Astronomers have found a nearby galaxy that's roughly the same mass as the Milky Way, but somehow contains less than 1 percent of its stars.

The galaxy is so dim, it's evaded detention for decades, and now the team behind its discovery has figured out how its lack of stars hasn't ripped it apart - it's made from 99.99 percent dark matter.

Dark matter is estimated to make up around 27 percent of all the mass and energy in the observable Universe, and while we can detect its gravitational force, it doesn't appear to emit any form of light or radiation that we can observe.

Despite years of searching, we have no idea what dark matter actually is, but this invisible matter is crucial to the stability of the Universe. 

Galaxies rotate at such speeds, they'd rip themselves apart if the only thing trying to hold them together was their own gravitational force. Something else has to be holding them and the rest of the Universe together, and physicists think the answer is a whole lot of dark matter. 

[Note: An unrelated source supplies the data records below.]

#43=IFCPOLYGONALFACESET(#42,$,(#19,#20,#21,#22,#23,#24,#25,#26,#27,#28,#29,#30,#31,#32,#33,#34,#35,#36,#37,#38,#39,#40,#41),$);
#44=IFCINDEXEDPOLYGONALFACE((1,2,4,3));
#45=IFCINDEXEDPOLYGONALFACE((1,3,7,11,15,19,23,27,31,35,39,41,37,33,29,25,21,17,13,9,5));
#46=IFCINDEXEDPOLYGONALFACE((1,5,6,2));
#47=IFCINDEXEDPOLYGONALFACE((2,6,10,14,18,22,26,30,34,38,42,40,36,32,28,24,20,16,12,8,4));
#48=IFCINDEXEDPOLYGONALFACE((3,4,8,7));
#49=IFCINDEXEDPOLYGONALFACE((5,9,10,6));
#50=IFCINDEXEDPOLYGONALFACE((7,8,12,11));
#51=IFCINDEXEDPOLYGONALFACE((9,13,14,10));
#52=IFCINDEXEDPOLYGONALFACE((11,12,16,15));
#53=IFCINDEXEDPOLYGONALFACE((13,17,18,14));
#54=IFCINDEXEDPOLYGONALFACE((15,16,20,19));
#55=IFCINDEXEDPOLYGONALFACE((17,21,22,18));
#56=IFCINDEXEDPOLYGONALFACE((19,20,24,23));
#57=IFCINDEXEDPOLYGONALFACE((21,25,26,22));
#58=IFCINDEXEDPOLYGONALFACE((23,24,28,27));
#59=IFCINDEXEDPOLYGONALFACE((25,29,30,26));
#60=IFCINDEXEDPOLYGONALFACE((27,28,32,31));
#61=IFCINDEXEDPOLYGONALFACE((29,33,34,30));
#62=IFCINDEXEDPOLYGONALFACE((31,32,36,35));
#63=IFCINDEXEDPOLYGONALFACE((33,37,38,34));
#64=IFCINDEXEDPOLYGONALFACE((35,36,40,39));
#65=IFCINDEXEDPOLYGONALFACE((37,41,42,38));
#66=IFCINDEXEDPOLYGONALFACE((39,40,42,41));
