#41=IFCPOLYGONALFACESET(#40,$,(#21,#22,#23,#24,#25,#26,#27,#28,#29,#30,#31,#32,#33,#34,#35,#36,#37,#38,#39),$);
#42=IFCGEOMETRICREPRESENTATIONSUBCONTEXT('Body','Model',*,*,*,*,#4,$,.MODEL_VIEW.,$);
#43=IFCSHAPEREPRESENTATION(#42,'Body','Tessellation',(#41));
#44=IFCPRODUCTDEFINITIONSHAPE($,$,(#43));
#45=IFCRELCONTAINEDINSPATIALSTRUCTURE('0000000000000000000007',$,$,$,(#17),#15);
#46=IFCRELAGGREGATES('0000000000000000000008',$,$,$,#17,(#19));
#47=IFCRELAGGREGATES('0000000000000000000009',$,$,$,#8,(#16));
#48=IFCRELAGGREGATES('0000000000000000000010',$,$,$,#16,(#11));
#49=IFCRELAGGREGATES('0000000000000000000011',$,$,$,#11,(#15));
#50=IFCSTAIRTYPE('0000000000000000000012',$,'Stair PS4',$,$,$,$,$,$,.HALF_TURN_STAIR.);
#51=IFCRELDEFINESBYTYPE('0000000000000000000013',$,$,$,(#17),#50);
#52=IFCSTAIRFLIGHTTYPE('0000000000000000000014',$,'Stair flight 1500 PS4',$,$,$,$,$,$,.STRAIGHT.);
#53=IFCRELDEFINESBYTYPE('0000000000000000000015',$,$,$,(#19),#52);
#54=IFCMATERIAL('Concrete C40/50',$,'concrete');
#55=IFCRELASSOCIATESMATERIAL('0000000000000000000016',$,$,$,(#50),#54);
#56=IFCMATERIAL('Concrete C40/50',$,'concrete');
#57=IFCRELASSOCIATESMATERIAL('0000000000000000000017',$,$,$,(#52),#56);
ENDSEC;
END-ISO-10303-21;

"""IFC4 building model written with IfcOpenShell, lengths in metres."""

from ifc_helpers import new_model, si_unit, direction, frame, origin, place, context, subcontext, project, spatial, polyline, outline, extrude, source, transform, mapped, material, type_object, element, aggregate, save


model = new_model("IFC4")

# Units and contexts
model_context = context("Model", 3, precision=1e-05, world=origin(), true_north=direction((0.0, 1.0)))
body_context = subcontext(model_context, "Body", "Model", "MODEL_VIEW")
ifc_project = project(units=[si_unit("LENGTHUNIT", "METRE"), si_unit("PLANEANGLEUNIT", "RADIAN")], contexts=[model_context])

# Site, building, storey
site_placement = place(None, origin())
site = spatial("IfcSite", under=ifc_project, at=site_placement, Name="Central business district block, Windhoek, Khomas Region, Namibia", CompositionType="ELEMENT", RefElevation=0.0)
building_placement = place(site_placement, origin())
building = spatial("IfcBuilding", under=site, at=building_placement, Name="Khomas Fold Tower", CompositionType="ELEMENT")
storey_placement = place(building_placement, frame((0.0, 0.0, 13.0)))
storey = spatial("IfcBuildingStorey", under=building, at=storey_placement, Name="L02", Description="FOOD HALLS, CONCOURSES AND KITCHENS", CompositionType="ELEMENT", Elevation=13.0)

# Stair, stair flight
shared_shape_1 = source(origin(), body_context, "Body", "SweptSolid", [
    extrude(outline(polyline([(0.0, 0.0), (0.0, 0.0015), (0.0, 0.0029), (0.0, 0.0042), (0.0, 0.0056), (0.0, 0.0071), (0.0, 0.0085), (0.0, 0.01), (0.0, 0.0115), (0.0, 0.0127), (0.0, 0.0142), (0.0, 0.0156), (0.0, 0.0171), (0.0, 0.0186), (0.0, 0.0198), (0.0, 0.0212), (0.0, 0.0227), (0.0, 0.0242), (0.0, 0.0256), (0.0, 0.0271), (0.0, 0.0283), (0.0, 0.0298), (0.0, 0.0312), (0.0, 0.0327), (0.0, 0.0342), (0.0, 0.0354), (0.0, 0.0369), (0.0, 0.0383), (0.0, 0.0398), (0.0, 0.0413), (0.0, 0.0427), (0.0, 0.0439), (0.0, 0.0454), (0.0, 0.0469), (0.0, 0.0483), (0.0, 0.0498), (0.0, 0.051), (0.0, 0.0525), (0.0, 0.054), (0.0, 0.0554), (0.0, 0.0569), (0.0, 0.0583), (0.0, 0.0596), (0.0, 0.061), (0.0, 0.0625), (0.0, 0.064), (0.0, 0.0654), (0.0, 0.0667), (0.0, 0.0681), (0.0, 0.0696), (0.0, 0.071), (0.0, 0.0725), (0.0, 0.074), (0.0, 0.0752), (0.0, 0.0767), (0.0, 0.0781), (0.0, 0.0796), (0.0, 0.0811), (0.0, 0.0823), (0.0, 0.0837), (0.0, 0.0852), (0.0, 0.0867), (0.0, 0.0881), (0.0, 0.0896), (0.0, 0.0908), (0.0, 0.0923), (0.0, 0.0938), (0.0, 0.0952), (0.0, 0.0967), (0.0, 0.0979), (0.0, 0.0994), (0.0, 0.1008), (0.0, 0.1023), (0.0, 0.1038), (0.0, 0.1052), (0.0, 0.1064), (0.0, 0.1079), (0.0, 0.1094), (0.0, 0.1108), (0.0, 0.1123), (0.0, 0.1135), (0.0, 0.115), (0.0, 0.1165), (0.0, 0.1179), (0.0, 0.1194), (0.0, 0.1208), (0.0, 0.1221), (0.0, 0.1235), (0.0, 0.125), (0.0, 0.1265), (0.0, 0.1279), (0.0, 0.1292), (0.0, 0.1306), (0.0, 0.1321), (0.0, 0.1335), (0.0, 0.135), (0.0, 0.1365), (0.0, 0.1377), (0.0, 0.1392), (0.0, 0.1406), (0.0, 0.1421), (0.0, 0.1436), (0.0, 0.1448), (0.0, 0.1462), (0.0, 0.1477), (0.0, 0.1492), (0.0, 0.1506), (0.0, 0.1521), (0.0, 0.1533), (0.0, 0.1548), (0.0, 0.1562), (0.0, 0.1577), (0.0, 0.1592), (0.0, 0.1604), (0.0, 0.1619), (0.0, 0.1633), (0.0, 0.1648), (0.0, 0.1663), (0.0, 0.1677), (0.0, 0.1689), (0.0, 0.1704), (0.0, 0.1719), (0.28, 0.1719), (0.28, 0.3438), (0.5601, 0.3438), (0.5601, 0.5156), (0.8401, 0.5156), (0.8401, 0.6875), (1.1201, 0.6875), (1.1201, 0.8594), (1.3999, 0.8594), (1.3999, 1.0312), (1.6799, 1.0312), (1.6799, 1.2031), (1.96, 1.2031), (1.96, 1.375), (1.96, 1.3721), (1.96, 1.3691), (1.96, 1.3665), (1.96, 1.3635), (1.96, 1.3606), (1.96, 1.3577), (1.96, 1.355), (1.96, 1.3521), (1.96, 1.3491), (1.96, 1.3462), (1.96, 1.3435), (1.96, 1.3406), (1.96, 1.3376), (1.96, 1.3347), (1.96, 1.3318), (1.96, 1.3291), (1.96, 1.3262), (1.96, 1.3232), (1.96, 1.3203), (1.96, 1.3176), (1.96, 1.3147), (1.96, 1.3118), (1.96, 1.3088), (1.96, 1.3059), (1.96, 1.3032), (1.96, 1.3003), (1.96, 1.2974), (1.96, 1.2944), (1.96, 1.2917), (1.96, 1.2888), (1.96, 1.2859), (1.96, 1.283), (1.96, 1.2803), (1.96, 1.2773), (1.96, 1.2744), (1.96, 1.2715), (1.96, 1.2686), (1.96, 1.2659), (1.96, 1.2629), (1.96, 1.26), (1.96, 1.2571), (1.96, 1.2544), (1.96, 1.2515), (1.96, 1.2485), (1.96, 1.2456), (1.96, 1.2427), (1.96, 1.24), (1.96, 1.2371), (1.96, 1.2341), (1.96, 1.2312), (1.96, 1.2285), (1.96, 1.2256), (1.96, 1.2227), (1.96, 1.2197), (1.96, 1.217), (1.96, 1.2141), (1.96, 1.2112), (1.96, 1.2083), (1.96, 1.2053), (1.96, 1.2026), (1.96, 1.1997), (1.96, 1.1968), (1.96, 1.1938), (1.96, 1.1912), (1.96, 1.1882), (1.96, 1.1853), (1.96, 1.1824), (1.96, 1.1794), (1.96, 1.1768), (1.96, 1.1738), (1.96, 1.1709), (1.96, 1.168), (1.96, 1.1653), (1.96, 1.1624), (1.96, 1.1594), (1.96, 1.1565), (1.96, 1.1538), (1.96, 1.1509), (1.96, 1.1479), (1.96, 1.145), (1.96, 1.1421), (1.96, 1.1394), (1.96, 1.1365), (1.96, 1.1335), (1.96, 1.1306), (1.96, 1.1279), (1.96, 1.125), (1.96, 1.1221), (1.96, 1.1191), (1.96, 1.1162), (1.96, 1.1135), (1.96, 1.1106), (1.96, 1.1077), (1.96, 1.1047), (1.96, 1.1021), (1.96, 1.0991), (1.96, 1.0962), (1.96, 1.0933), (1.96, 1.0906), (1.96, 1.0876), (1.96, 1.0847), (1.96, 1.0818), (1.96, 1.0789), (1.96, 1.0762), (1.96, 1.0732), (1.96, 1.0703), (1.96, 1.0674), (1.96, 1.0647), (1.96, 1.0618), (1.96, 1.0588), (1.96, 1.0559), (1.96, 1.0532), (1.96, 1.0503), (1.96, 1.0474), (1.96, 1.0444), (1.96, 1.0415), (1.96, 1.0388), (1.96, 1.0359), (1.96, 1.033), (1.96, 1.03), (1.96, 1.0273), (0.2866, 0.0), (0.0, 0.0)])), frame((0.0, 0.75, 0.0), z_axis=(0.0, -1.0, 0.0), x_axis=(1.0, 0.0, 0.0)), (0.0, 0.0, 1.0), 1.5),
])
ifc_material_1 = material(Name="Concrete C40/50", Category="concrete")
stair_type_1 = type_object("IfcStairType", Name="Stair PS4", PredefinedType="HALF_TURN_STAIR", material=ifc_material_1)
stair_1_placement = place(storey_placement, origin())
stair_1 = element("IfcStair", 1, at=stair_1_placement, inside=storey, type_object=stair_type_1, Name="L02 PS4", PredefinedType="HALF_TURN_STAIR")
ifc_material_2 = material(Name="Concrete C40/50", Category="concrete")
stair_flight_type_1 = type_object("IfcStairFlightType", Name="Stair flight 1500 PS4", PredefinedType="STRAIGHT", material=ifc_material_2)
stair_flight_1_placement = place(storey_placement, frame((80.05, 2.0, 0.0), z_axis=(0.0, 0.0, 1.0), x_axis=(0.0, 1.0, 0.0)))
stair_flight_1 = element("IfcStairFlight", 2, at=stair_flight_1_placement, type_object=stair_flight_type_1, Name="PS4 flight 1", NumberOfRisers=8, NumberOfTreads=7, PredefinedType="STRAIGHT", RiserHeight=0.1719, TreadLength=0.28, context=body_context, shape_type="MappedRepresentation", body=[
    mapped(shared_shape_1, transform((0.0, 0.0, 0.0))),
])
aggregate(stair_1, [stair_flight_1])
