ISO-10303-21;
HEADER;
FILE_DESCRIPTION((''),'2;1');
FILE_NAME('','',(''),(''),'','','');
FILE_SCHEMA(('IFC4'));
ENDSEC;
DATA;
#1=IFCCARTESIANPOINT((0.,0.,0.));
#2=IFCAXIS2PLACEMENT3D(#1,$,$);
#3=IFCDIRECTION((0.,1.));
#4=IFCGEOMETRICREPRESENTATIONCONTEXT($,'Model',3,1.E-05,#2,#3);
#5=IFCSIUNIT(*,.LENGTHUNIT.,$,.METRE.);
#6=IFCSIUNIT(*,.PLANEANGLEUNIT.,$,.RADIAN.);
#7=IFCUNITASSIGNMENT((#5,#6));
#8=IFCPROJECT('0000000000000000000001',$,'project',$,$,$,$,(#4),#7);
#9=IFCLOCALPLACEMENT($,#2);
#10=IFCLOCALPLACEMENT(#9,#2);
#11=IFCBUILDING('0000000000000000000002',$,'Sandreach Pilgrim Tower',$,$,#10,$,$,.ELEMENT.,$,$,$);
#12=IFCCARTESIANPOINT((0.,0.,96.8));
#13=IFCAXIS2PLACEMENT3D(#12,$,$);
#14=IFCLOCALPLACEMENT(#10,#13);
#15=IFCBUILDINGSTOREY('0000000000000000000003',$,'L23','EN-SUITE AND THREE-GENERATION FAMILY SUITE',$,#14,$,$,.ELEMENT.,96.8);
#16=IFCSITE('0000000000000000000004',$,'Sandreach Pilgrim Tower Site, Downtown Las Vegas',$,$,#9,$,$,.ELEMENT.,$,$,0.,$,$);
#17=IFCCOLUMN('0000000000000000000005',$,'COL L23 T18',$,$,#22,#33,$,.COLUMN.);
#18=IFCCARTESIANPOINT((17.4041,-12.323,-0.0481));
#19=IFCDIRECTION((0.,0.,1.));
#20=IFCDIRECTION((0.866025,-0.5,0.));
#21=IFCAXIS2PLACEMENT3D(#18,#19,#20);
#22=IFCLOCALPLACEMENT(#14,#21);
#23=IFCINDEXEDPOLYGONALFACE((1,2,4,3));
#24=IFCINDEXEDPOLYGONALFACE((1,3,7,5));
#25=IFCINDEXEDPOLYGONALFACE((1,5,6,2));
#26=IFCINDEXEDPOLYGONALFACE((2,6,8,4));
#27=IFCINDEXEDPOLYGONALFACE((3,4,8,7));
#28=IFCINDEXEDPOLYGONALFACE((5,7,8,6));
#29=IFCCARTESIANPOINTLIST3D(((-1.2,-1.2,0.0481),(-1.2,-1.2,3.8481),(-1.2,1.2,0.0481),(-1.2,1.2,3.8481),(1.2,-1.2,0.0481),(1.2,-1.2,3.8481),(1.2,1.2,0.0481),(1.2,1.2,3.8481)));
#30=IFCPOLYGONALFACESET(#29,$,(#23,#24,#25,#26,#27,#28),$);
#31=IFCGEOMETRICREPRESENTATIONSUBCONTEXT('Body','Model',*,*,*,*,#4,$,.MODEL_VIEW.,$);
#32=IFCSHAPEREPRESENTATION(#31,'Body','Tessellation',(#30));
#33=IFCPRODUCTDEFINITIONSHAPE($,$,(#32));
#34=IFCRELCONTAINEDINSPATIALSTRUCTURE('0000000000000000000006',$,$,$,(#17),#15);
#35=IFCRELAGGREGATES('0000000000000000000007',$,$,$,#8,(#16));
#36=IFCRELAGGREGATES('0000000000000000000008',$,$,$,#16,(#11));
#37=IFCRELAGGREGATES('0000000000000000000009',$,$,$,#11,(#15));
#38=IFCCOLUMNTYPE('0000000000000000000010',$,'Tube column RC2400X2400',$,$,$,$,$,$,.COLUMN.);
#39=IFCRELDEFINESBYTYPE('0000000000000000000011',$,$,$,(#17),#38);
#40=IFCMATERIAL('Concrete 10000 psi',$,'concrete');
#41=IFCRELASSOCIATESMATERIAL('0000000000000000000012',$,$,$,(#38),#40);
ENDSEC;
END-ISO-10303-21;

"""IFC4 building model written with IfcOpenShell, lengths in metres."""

from ifc_helpers import new_model, si_unit, direction, frame, origin, origin_2d, place, context, subcontext, project, spatial, rectangle, extrude, clip, halfspace, material, material_profile, profile_set, type_object, element, save


model = new_model("IFC4")

# Units and contexts
model_context = context("Model", 3, precision=1e-05, world=origin(), true_north=direction((0.0, 1.0)))
body_context = subcontext(model_context, "Body", "Model", "MODEL_VIEW")
ifc_project = project(units=[si_unit("LENGTHUNIT", "METRE"), si_unit("PLANEANGLEUNIT", "RADIAN")], contexts=[model_context])

# Site, building, storey
site_placement = place(None, origin())
site = spatial("IfcSite", under=ifc_project, at=site_placement, Name="Sandreach Pilgrim Tower Site, Downtown Las Vegas", CompositionType="ELEMENT", RefElevation=0.0)
building_placement = place(site_placement, origin())
building = spatial("IfcBuilding", under=site, at=building_placement, Name="Sandreach Pilgrim Tower", CompositionType="ELEMENT")
storey_placement = place(building_placement, frame((0.0, 0.0, 96.8)))
storey = spatial("IfcBuildingStorey", under=building, at=storey_placement, Name="L23", Description="EN-SUITE AND THREE-GENERATION FAMILY SUITE", CompositionType="ELEMENT", Elevation=96.8)

# Column
ifc_material_1 = material(Name="Concrete 10000 psi", Category="concrete")
ifc_material_profile_1 = material_profile(ifc_material_1, rectangle(XDim=2.3999, YDim=2.3999, at=origin_2d()), Name="RC2400X2400")
ifc_profile_set_1 = profile_set([ifc_material_profile_1], Name="Concrete 10000 psi")
column_type = type_object("IfcColumnType", Name="Tube column RC2400X2400", PredefinedType="COLUMN", material=ifc_profile_set_1)
column_placement = place(storey_placement, frame((17.4041, -12.323, -0.0481), z_axis=(0.0, 0.0, 1.0), x_axis=(0.866025, -0.5, 0.0)))
element("IfcColumn", 1, at=column_placement, inside=storey, type_object=column_type, Name="COL L23 T18", PredefinedType="COLUMN", context=body_context, shape_type="SweptSolid", body=[
    clip(extrude(rectangle(XDim=2.3999, YDim=2.3999, at=origin_2d()), origin(), (0.0, 0.0, 1.0), 3.8481), halfspace(frame((0.0, 0.0, 0.0481)), True)),
])

save(model, "model.ifc")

In fact, the standard model of cosmology suggests that there's so much dark matter in the Universe, for every 1 gram of atoms in existence, there's at least five times more dark matter.

Now scientists have found a galaxy that's almost entirely made up of the stuff. 

Named Dragonfly 44, the galaxy was discovered back in 2014, when a team using the WM Keck Observatory and the Gemini North Telescope in Manuakea, Hawaii, located a whole bunch of 'fluffy galaxies' in a region called the Coma Cluster, some 320 million light-years away.

"If the Milky Way is a sea of stars, then these newly discovered galaxies are like wisps of clouds," one of the researchers, Pieter van Dokkum from Yale University, said at the time.

"We are beginning to form some ideas about how they were born, and it's remarkable they have survived at all," he added. 

"They are found in a dense, violent region of space filled with dark matter and galaxies whizzing around, so we think they must be cloaked in their own invisible dark matter 'shields' that are protecting them from this intergalactic assault."

Now van Dokkum and his team have had a chance to test out their hypothesis, and by figuring out the mass of Dragonfly 44, they say they have enough evidence to suggest that dark matter truly is the glue holding this whole thing together. 

The researchers measured the velocities of stars in Dragonfly 44 for 33.5 hours over a period of six nights, and used this information to calculate the mass of the galaxy as a whole.

An increase in the velocity of an object will increase its kinetic energy and therefore its mass, which means the faster these stars are going will equate to a more massive galaxy. 

Having measured the speed of Dragonfly 44's stars as around 47 kilometres per second, the team calculated that it's around 1 trillion times more massive than our Sun - far too heavy to be held together by its stars alone.

"Motions of the stars tell you how much matter there is," van Dokkum told Avery Thompson at Popular Mechanics. "They don't care what form the matter is, they just tell you that it's there. Using the Keck Observatory, we found many times more mass indicated by the motions of the stars than there is mass in the stars themselves."

Having estimated that the galaxy needs to be made up of 99.99 percent of dark matter to remain intact, the team has officially found the darkest known galaxy in the Universe. 

A similarly dark galaxy in the Virgo cluster was identified earlier this year, but its 99.96 percent dark matter just got beat.

As cool as this discovery is, it's thrown up a whole lot more questions than answers. Right now, every potential candidate for dark matter has failed to yield enough evidence to explain what it's made from, and until recently, the only dark matter galaxies we've known about have been tiny.

Dragonfly 44 is huge, and no one can figure out how it got so big - and stayed so big - with so little visible matter. But at least now we've now got an entire galaxy full of dark matter to study, right?

"It's hard to argue with the observations, yet the conclusion from this paper runs counter to my understanding of how galaxies are formed," one of the team, astronomer Marla Geha from Yale University, who wasn't involved in the research, told New Scientist.

"I'm hoping these objects are rather rare and/or only form in special environments such as a dense galaxy cluster. Otherwise we may need to rewrite galaxy formation."

The research has been published in Astrophysical Journal Letters.